Disclaimer (the following journal entries are all fictional, any resemblance to any person famous or otherwise is completely coincidental ). Also contains X-Rated scenes.. if your EASILY offended.. do yourself a favor and leave this blog.. Thank you
Okay so we finally see a pattern emerging here. Jackson came over to see me last Thursday and the next day we found a letter in my mailbox that had been hand delivered sometime during the night/day. My neighbors said they saw a man jogging that they didn’t recognize but they couldn’t describe him, other then he was tall. The letter said “I’m sorry.. I don’t want to hurt you.. I want to love you.. but the other one..they want you dead and I have to do what they want”….This is like a Hollywood Movie.. this isn’t suppose to happen to normal people like me.. every day people.. I’m just a mom.. a wife of 15 years…who would want me dead??? And who wants to love me? It’s all so surreal..
Jackson came back over on Saturday per the investigators request. They made Craig leave for the day and told Jackson to be here all day with me alone. To stay inside and maybe occasionally be seen standing together in a window or two.. Its still hard for me to get around with the cast on my leg but we did it. We spent the day just talking, playing cards.. trying to not think about the reason we were there, forced together..The pain meds they have me on make me so drowsy though.. I remember taking them and sitting on the couch.. a couple of hours later I woke up in my bed, with Jackson sitting right there. I tried to apologize to him for falling asleep but he wouldn’t hear it.. He stroked my hair.. he rubbed my neck.. my body hurting so badly.. it felt nice. I wanted him to touch me more.. my traitor body!!!! He’s so hard to resists.. and it’s so frustrating because I crave his touch but it hurts to move.. There’s no way I could live through the pain of sex.. but damn.. I miss it!
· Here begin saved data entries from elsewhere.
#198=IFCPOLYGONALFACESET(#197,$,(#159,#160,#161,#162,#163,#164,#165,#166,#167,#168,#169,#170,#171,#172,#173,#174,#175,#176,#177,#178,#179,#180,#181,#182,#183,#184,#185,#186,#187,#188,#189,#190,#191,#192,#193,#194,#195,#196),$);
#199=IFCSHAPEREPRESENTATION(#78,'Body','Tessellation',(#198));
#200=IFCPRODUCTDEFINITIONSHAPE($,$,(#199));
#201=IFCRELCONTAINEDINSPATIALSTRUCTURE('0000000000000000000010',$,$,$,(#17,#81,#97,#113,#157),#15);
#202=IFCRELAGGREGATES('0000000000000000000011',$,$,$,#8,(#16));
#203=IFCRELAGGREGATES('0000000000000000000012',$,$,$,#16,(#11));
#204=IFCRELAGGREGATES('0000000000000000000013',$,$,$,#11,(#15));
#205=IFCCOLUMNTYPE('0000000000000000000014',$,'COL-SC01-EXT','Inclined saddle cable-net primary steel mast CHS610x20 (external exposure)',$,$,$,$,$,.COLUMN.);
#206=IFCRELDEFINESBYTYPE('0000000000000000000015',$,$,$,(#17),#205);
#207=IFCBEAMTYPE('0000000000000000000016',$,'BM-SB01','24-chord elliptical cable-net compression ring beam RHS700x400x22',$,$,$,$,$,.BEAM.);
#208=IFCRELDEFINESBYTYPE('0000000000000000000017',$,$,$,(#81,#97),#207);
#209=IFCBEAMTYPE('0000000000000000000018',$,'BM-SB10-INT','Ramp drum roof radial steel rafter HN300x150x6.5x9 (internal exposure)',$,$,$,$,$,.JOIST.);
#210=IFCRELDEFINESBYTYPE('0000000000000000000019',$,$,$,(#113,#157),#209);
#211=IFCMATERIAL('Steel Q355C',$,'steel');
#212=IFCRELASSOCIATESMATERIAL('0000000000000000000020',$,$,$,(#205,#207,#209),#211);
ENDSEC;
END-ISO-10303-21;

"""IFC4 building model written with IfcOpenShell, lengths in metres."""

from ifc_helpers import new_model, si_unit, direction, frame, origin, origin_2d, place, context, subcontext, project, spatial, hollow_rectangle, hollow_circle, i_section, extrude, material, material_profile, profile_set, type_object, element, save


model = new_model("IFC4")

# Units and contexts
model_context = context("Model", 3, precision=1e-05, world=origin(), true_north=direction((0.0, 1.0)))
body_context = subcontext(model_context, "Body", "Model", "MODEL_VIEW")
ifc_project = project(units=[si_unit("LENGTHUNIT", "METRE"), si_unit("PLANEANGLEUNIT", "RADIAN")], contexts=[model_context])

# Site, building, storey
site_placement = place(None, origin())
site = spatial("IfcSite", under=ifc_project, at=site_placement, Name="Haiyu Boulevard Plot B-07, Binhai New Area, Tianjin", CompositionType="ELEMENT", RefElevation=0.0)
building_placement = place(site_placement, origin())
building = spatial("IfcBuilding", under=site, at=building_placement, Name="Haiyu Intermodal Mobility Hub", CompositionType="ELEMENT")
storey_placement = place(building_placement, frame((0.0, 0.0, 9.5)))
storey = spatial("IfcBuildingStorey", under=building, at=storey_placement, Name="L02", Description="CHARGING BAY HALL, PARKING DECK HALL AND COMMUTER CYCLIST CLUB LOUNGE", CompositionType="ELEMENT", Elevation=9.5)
What is wrong with me??? How can I think of sex when I’m being watched by some crazy people who want to kill me??? oh, and love me????
Well on Monday there was a letter delivered to my house through the post office.. The investigator opened it and kept it to see if there are any finger prints or DNA or anything.. the letter said “HE’S MINE YOU WHORE.. YOU CANNOT HAVE HIM AND CRAIG… I WILL HAVE ONE OF THEM OR BOTH OF THEM AND YOU WILL BE WHERE ALL SLUTS SHOULD BE.. THE MORGUE”…. They now have Jackson on constant surveillance too for safety. Now it’s a waiting game. I am suppose to see Craig tomorrow and Jackson on the same day.. They’ve asked both the men to work together.. they think that whoever is watching me will go over the edge if they see me with both of them… I’m scared.. but Jackson has assured me nothing will happen to me.. and Craig is swearing that God himself won’t be able to harm me… I guess we’ll have to see.